Lo dejó sobre la cama y se sentó a su lado.
Su teléfono había desaparecido. Se lo habían quitado esa noche, después del intento de huida, y nadie lo había devuelto. Sabía que Zoe ya habría llamado. Probablemente más de una vez. Zoe era la única persona en su vida que habría notado el silencio y se habría preocupado de verdad, no porque la ausencia de Chloe fuera inconveniente, sino porque realmente le importaba. Pensar en Zoe llamando a un teléfono guardado en un cajón en algún lugar de abajo, sonando en vacío, le apretó el pecho de una forma silenciosa.
Se escuchó un golpe en la puerta. Ligero. Casi delicado.
Ella ya sabía quién era antes de que se abriera.
Amelia entró con algo suave y sin esfuerzo, el cabello ya arreglado, con el aspecto exacto de alguien que había dormido bien, había desayunado bien y no llevaba ningún peso encima esa mañana.
“Hoy es el día,” dijo Amelia, mirando brevemente la habitación antes de que sus ojos se fijaran en Chloe.
Chloe no dijo nada.
La mirada de Amelia se movió hacia el vestido sobre la cama. Algo cruzó su expresión. No culpa. Algo más parecido a satisfacción disfrazada de compasión.
“No es tan malo,” dijo Amelia. “Es solo el juzgado. No es como si necesitara ser algo especial.”

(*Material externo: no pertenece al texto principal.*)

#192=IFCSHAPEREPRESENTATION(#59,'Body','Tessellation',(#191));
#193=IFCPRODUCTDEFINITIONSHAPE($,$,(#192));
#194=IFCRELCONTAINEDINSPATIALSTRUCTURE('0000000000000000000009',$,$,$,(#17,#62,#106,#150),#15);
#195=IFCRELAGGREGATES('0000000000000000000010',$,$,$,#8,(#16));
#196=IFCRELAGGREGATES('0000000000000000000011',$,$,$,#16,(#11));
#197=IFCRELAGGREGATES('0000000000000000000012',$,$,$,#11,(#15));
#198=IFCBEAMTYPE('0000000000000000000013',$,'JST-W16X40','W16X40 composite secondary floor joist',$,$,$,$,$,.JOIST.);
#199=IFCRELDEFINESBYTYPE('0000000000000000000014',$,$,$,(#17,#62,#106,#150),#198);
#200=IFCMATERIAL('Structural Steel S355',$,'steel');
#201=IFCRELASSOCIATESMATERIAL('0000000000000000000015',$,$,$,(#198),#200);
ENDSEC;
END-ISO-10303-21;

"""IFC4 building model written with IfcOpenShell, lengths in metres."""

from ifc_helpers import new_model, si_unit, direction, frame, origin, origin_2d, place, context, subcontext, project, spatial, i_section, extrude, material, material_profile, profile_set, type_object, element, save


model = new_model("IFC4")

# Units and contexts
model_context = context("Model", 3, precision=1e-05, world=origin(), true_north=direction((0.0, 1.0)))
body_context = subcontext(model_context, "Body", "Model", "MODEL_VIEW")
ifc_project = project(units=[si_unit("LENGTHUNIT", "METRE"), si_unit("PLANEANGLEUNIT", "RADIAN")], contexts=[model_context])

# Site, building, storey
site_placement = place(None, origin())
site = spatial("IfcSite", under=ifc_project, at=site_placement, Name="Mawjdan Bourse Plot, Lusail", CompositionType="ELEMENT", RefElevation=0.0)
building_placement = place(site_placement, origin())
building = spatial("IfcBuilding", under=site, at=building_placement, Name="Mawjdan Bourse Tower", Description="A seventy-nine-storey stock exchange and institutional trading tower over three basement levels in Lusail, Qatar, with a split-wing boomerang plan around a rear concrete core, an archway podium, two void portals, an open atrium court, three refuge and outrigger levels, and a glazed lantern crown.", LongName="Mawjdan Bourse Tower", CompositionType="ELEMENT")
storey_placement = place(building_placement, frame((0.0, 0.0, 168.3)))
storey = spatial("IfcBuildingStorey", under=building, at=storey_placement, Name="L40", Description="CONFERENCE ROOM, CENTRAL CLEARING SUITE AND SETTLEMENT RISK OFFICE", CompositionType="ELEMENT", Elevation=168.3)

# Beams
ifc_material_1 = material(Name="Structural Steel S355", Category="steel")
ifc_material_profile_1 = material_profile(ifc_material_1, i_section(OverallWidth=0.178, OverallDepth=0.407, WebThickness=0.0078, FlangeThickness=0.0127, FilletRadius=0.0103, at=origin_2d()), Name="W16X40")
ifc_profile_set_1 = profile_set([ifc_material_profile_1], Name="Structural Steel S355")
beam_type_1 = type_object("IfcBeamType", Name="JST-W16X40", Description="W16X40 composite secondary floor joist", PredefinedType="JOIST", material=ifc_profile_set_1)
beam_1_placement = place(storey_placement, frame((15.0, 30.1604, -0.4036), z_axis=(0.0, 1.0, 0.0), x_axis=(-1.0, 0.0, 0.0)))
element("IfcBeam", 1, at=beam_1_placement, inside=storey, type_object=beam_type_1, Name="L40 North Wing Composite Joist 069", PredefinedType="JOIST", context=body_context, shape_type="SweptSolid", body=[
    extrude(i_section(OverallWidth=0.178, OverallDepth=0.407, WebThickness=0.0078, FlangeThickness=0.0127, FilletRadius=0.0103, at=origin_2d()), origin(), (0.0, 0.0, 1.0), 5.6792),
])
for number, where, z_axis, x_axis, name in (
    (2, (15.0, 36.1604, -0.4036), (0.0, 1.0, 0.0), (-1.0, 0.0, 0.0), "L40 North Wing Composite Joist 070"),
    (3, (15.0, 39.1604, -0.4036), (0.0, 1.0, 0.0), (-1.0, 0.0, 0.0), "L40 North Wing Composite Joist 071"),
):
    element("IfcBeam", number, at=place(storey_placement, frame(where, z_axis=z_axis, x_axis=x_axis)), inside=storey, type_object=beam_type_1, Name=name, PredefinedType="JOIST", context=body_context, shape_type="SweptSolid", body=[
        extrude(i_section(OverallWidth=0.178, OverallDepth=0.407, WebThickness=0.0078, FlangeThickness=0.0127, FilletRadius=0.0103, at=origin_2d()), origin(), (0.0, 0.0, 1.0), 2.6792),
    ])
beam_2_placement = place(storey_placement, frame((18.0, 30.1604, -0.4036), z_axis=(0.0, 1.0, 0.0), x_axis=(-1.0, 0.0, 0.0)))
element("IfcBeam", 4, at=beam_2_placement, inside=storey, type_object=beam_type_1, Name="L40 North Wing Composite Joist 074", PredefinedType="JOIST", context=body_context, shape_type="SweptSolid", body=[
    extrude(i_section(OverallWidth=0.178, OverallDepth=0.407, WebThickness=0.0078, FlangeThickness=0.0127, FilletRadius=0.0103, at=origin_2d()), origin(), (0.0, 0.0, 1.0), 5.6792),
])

Chloe la miró con calma. “¿Necesitas algo?”
Amelia inclinó ligeramente la cabeza, ese gesto que hacía cuando ya había decidido lo que iba a decir. “Solo quería ver cómo estabas.” Una pequeña pausa. “Lucien Grey es un hombre serio, Chloe. Es frío. Lo sabes, ¿no? La gente que trabaja con él dice que no le importa realmente nadie a su alrededor.” Lo dijo con suavidad, como quien entrega información fingiendo que ayuda. “Solo creo que deberías estar preparada. No esperes que se sienta como un matrimonio real.”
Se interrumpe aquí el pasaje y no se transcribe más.